When I say alcohol, I am referring to the chemicals in that category as a whole, such as Methanol, Toluene, Benzene and Ethanol to name a few.
The octane to compression threshold or knock threshold is one of the most important things one can understand as a tuner. What I mean by this is actually quite simple to grasp, but often misunderstood. There are two terms used in explaining this, pre-ignition and detonation. You’ll see what I mean as we go on. Let us therefore look at the easier one of the two to explain and understand, pre-ignition.
The name itself is self explanatory. The fuel is being ignited before it should be, causing all sorts of trouble. To understand we must consider just what takes place. We’ll use the compression stroke as our starting point, assuming that up to that moment of time the engine has been running satisfactorily. That being said, we have the piston commencing travel up the cylinder bore, starting to compress the fuel ready for ignition by the spark at the plug. Depending on the ignition setting, the spark should occur at just the right time to allow the mixture to ignite, the resultant explosion being so timed that its force is applied to the piston just as it is ready to commence its downward stroke. If the explosion takes place too late, then the piston has already started to descend, so the force of the explosion is reduced since there is now so much more room so to speak in the chamber. On the other hand if it occurs too soon, the force of the explosion meets the piston on its way up the bore, trying to force it down, so power is lost and a general state of opposing forces exists. It is just this that makes it necessary to time the ignition setting to agree with the type of fuel in use so as to get the maximum effect, also to have an ignition system that will ignite as much of the mixture as possible in the very short time it has to do so. Detonation is when the piston is traveling upwards on the compression stroke. But instead of igniting when the spark plug fires, it ignites on its own. This happens because the pressure is so great inside the combustion chamber with the added boost that the temperature gets hot enough to ignite the fuel before the plug fires. This in turn creates a flame front that is trying to push the piston back down, when the crank and rod are trying to push it up. The result is usually a cracked ring land or worse. The point of detonation will be different on every motor as there are numerous things that come into play. The motor’s static compression, the spark plug type and material, the piston design as well carbon deposits on the piston and head can all affect the combustion process. Hence the need for every vehicle to be tuned differently.
I’m going to use 91 octane pump gas as an example since that seems to be the highest and most available nation wide.
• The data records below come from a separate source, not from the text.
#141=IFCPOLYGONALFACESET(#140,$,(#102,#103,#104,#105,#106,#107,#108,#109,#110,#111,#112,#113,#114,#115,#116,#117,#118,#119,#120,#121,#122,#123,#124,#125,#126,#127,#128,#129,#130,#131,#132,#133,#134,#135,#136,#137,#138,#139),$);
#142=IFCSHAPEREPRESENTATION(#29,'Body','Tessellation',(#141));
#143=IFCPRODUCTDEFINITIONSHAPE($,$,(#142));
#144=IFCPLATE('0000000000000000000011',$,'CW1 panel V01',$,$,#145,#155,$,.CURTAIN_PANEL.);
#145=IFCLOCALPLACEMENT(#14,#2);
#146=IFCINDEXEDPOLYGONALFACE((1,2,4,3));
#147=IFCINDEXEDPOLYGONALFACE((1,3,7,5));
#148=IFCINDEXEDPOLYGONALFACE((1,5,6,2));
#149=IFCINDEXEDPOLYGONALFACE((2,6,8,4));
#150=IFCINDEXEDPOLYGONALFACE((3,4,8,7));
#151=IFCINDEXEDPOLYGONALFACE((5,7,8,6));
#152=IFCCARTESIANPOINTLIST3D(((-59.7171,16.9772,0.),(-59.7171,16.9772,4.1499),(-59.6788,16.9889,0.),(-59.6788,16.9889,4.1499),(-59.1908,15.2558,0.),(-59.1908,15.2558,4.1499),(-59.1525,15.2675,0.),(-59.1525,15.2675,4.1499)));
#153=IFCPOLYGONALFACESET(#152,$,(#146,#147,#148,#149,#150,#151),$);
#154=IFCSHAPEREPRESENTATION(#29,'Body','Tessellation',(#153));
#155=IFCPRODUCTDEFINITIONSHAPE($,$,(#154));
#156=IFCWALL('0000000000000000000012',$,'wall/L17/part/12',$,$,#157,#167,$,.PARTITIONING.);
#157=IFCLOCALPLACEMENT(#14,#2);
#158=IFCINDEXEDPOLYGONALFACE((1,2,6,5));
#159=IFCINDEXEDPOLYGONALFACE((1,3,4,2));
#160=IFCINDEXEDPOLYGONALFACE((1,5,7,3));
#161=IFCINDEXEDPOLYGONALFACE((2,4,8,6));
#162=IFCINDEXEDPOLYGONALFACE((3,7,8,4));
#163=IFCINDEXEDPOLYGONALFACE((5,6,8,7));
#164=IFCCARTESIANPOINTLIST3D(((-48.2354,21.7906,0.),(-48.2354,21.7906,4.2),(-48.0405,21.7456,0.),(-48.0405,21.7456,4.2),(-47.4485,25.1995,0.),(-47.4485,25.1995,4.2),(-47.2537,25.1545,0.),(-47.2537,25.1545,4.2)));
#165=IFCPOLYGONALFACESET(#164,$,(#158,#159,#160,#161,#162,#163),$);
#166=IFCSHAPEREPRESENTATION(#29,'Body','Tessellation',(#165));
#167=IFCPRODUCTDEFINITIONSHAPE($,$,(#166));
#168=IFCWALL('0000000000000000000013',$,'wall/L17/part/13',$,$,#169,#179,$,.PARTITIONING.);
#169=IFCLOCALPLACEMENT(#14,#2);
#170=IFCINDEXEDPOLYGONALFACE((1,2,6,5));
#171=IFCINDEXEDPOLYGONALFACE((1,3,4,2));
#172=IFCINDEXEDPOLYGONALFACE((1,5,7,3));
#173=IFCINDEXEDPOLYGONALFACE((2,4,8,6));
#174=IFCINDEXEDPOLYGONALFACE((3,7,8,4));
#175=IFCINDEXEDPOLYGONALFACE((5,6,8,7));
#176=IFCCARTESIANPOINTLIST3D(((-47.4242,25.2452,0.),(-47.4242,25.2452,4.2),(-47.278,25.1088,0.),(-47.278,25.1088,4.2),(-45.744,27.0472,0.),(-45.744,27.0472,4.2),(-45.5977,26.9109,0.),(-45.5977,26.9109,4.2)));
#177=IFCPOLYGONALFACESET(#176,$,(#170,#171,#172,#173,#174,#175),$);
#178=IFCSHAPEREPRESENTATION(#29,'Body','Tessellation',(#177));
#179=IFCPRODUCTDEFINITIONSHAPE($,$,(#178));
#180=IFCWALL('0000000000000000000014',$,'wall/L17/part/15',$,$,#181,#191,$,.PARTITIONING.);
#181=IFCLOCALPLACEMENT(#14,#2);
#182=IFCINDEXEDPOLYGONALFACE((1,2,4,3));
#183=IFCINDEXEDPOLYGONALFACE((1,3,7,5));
When adding a turbo or increasing the boost on a vehicle that is turbo charged from the factory, we are essentially increasing the compression of the motor. So what determines the amount of boost we can add before the motor goes pop? Here in lies the octane to compression threshold. If you add boost, you need to add fuel. That part is simple, more air requires more fuel. The entire theory on making more power is based around this ideal. So why can’t we just install huge fuel injectors and run 30 psi? Because every fuel has a point where it auto ignites and 91 octane reaches that limit far before we ever see that 30psi. The octane rating is a measure of that particular fuels resistance to auto ignition. The most common type of octane rating worldwide is the Research Octane Number (RON). RON is determined by running the fuel in a test engine with a variable compression ratio under controlled conditions. There is another type of octane rating, called Motor Octane Number (MON) or the aviation lean octane rating, which is a better measure of how the fuel behaves when under load. MON testing uses a similar test engine to that used in RON testing, but with a preheated fuel mixture, a higher engine speed, and variable ignition timing to further stress the fuel's knock resistance. Depending on the composition of the fuel, the MON of a modern gasoline will be about 8 to 10 points lower than the RON. Normally fuel specifications require both a minimum RON and a minimum MON. As an example, Toluene has a RON octane rating of 124 and a MON rating of 112, leading to a (R+M)/2 rating of 118. (R+M)/2 is how ordinary fuels are rated in the US. The correct name for the (RON+MON)/2 formula is the "anti-knock index”, and it remains the most important quality criteria for motorists.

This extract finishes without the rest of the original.